Thomas Barriano said:


> Don't jam the sleeve at the dog. Quick close sleeve movements to frustrate the dog and then make the dog work on the strike


 thanks, we noticed this, and we are working on it. this is where we have issues, as to not give the dog the sleeve compared to having them get it. we added "run" by's. and with that more uping the drive.


----------



## Kevin Cyr (Dec 28, 2012)

Kat Hunsecker said:


> thanks... he is great, it is one of our late bloomers was then 14mth i think. All the dogs are good dogs. not to brag. But we recieved compliments from lots of people. Our issue is, that our skill level is lower than what the dogs need. and we allready improved the oomph! of this dog and its containment and strike.
> But they really do get bored with the same excersizes all the time.
> we did have two helpers from a different club up here in Novemeber and the dogs excelled with them. and now they seem to be bored with what little we can do. Not beeing sarcastic, but we feel we are getting stuck, where the dogs should get more ...


 
I was talking about that doberman x from earlier video that you said looked frantic?


----------



## Thomas Barriano (Mar 27, 2006)

Kat Hunsecker said:


> thanks, we noticed this, and we are working on it. this is where we have issues, as to not give the dog the sleeve compared to having them get it. we added "run" by's. and with that more uping the drive.

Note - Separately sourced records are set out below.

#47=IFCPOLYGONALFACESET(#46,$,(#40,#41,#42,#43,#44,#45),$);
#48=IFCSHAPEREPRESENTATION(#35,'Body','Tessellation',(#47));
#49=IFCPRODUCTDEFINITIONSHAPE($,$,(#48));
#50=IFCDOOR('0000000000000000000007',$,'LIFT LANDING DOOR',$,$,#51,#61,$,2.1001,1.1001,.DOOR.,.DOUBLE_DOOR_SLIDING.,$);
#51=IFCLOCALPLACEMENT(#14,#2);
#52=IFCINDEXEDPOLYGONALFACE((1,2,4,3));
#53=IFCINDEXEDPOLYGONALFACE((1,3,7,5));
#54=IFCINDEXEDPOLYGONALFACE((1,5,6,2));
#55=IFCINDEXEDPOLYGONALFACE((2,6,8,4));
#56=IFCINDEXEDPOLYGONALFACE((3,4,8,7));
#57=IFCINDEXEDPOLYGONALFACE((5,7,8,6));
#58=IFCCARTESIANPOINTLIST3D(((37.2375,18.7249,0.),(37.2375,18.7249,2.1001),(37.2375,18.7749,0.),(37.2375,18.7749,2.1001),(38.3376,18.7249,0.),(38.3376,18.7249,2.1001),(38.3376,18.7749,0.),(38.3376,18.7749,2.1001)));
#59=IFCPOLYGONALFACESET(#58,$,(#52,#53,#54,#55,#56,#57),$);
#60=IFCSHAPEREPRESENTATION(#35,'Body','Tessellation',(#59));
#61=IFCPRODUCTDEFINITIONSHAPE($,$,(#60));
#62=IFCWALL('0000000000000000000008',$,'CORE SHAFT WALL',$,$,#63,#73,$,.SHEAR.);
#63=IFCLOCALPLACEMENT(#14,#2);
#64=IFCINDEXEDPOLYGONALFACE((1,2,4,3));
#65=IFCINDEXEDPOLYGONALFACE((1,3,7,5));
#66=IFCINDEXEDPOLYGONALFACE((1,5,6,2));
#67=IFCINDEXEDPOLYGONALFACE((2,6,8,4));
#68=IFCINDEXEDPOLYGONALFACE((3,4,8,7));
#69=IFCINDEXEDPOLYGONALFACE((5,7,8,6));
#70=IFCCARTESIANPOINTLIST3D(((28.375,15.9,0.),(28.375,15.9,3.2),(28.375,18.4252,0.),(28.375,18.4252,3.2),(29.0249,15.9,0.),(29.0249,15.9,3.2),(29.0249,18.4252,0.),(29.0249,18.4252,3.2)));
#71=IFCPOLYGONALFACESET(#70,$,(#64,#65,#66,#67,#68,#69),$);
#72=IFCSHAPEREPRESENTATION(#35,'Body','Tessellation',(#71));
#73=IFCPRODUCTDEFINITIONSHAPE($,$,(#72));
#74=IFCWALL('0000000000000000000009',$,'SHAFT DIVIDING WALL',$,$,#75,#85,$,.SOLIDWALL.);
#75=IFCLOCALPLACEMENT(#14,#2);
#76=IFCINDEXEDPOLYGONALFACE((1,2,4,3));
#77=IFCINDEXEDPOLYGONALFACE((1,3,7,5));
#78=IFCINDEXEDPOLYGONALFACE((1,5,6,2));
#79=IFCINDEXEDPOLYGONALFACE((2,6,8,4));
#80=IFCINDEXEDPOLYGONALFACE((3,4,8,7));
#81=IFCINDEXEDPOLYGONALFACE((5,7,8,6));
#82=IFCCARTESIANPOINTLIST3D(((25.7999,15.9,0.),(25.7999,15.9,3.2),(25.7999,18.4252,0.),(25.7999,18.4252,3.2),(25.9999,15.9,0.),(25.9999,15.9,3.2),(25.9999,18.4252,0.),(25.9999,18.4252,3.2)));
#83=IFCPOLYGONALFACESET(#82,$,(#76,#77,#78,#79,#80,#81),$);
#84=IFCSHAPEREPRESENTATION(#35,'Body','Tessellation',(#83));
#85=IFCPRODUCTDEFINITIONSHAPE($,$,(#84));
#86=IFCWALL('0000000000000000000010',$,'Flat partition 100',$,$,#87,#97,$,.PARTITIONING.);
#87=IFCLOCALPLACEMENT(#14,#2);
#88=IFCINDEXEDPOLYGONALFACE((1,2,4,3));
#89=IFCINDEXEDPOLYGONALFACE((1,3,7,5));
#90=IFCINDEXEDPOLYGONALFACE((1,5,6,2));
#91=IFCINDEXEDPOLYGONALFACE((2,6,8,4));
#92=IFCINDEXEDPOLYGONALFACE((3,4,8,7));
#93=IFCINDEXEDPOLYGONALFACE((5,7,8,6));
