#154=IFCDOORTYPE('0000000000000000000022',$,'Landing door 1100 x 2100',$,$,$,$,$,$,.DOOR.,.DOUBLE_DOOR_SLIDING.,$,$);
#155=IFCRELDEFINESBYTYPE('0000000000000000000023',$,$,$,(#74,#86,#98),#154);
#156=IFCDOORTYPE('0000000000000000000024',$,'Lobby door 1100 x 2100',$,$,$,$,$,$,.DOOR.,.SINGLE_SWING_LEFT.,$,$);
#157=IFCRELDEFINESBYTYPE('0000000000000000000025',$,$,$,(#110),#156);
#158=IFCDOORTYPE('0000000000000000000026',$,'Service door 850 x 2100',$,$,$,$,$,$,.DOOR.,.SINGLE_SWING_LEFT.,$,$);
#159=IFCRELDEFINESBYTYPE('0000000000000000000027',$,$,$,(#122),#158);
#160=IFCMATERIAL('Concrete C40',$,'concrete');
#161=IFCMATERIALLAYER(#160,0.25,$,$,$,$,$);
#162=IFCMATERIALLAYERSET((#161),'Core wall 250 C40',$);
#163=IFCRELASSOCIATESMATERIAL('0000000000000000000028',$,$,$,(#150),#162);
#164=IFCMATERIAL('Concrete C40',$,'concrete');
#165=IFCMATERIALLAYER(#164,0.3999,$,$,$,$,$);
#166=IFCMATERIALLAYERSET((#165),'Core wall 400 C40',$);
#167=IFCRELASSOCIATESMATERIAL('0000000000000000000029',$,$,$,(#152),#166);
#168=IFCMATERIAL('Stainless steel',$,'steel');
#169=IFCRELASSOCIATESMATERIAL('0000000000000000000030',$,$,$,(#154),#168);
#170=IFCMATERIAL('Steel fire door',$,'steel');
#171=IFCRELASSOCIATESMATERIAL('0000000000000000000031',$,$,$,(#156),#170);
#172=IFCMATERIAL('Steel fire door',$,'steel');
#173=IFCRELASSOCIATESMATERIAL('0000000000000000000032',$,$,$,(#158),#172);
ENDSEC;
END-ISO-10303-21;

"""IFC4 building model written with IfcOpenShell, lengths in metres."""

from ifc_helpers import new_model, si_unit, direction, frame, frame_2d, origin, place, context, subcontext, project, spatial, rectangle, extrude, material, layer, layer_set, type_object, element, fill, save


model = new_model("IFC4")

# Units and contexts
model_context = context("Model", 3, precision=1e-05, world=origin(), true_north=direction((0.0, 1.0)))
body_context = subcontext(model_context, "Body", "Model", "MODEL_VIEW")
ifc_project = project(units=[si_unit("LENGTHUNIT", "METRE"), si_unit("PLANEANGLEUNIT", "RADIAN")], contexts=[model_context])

Run bys are good but it's easier to do quick prey movements with the sleeve then to try to make prey movements with the whole body.


----------



## Kat Hunsecker (Oct 23, 2009)

Kevin Cyr said:


> I was talking about that doberman x from earlier video that you said looked frantic?


 yes, that it was....


----------



## Kat Hunsecker (Oct 23, 2009)

here is another one of his mom, working on the out
http://youtu.be/i4dlDAF4jwE


----------



## Thomas Barriano (Mar 27, 2006)

Kat Hunsecker said:


> here is another one of his mom, working on the out
> http://youtu.be/i4dlDAF4jwE


I like 1/2 sleeves for quickness and targeting
The cheapest are the Ray Allens
http://www.rayallen.com/product/puppy_half_sleeve/Puppy_Bite_Sleeves

They're listed as a puppy bite sleeve but they're the lower half of a 30C intermediate?

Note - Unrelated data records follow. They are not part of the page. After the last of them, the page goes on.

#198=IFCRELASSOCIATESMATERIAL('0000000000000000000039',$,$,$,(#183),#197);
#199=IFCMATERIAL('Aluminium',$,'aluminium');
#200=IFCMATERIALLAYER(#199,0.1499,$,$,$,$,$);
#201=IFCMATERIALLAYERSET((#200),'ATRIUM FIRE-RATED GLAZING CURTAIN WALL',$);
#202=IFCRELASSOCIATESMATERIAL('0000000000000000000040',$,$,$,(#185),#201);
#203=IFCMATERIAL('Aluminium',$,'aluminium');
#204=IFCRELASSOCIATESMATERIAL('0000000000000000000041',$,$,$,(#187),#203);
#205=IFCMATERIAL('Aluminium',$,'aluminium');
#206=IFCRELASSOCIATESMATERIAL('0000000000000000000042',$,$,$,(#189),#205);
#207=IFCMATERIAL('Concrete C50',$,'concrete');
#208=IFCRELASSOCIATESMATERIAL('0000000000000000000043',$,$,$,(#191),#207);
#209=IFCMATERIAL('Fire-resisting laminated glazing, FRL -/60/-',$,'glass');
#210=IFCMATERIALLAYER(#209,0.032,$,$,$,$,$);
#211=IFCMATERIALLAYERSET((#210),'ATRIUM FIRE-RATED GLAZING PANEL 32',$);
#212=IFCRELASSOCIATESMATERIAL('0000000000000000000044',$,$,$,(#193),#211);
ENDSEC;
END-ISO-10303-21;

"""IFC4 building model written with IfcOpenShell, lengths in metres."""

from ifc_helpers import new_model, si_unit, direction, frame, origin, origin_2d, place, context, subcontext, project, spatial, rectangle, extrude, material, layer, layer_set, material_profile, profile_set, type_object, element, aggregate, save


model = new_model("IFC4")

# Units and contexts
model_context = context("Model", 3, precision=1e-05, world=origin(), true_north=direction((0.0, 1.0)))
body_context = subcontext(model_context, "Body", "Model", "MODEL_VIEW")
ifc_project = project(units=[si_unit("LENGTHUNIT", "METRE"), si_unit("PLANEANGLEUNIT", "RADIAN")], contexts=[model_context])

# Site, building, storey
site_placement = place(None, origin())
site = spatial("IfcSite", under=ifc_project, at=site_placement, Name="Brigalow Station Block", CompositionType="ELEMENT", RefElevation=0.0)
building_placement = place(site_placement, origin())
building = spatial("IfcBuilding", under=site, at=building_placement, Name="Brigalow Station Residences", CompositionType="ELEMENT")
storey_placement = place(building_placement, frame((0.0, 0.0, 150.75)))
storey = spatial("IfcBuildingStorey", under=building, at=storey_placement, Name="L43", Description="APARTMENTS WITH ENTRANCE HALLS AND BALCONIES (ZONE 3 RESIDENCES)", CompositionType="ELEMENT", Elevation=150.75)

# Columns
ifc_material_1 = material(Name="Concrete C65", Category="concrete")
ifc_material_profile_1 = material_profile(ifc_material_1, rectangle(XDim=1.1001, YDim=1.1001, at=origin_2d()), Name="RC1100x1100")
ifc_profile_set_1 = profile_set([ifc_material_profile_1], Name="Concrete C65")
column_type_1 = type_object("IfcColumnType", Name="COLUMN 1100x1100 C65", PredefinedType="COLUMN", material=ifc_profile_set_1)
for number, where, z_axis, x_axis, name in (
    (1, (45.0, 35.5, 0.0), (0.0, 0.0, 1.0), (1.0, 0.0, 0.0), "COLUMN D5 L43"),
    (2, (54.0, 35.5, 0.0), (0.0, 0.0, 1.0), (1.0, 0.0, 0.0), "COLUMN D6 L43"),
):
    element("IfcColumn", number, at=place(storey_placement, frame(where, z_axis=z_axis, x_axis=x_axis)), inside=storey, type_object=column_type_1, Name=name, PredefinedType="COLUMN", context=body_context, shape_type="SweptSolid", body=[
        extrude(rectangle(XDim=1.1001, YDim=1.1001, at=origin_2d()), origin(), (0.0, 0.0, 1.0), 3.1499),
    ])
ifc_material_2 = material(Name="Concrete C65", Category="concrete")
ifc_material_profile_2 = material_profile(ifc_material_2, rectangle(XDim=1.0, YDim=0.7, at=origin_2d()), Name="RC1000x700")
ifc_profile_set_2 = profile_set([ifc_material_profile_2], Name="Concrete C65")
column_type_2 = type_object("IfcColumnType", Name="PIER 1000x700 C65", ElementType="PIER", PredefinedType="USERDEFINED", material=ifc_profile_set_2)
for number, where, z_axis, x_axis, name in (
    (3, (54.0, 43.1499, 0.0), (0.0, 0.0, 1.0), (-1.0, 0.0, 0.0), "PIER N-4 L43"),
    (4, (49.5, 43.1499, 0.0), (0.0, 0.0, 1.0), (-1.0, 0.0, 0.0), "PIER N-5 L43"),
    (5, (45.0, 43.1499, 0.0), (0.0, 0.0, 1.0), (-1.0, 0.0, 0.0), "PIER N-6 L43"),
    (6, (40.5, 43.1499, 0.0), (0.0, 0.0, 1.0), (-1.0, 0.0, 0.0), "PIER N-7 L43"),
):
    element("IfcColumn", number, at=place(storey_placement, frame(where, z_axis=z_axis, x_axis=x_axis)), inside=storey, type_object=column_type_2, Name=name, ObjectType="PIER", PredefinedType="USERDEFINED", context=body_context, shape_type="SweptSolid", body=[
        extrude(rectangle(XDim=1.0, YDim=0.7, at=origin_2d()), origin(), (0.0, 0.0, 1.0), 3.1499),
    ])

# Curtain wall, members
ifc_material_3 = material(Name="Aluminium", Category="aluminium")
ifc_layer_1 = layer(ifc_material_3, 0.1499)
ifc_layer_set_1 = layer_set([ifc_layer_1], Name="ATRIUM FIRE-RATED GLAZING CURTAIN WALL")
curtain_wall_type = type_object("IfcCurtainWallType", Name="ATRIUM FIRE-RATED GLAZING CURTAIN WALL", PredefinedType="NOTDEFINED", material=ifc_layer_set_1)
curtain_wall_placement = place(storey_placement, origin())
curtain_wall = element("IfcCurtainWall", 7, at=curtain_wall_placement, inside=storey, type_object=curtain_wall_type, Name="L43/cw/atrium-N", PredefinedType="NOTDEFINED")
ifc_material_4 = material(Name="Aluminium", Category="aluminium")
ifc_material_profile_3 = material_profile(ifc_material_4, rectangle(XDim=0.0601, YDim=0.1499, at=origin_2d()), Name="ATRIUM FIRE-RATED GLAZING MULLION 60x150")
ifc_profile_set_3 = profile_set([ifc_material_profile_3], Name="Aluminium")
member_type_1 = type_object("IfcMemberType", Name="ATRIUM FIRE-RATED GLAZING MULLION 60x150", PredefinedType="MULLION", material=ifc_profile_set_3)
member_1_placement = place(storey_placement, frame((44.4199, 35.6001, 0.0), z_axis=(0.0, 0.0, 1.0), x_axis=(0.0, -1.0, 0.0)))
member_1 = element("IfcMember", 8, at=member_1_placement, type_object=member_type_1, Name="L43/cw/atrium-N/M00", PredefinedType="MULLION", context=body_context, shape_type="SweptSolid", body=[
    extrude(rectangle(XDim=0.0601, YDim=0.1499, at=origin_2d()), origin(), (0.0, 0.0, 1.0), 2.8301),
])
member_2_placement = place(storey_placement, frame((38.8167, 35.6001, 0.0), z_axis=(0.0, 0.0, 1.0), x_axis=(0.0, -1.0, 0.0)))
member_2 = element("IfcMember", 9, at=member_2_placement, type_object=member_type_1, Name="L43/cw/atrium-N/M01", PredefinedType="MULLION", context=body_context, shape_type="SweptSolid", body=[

Here's an example of the type work you can do with 1/2 sleeves and targeting wedges

http://www.youtube.com/watch?v=4gil...QyZozKSyRKhILMBYioVwxfG&feature=results_video


----------



## Kat Hunsecker (Oct 23, 2009)

that looks liek something we can do... we do have a small puppy pillow, as well as a bende hybid... the dogs like those...


----------



## john simmons (Jan 20, 2010)

Is this what training looks like for you girls? :razz:

http://www.youtube.com/watch?feature=player_detailpage&v=Gng3sPiJdzA


----------



## john simmons (Jan 20, 2010)

Cause this is Me and my club training!=P~

http://www.youtube.com/watch?feature=player_detailpage&v=gX5h3Bm3BgY


----------



## Kat Hunsecker (Oct 23, 2009)

LOL...sometimes, but we are uually not that worried about looking good...but the fun factor might be close....:smile:


----------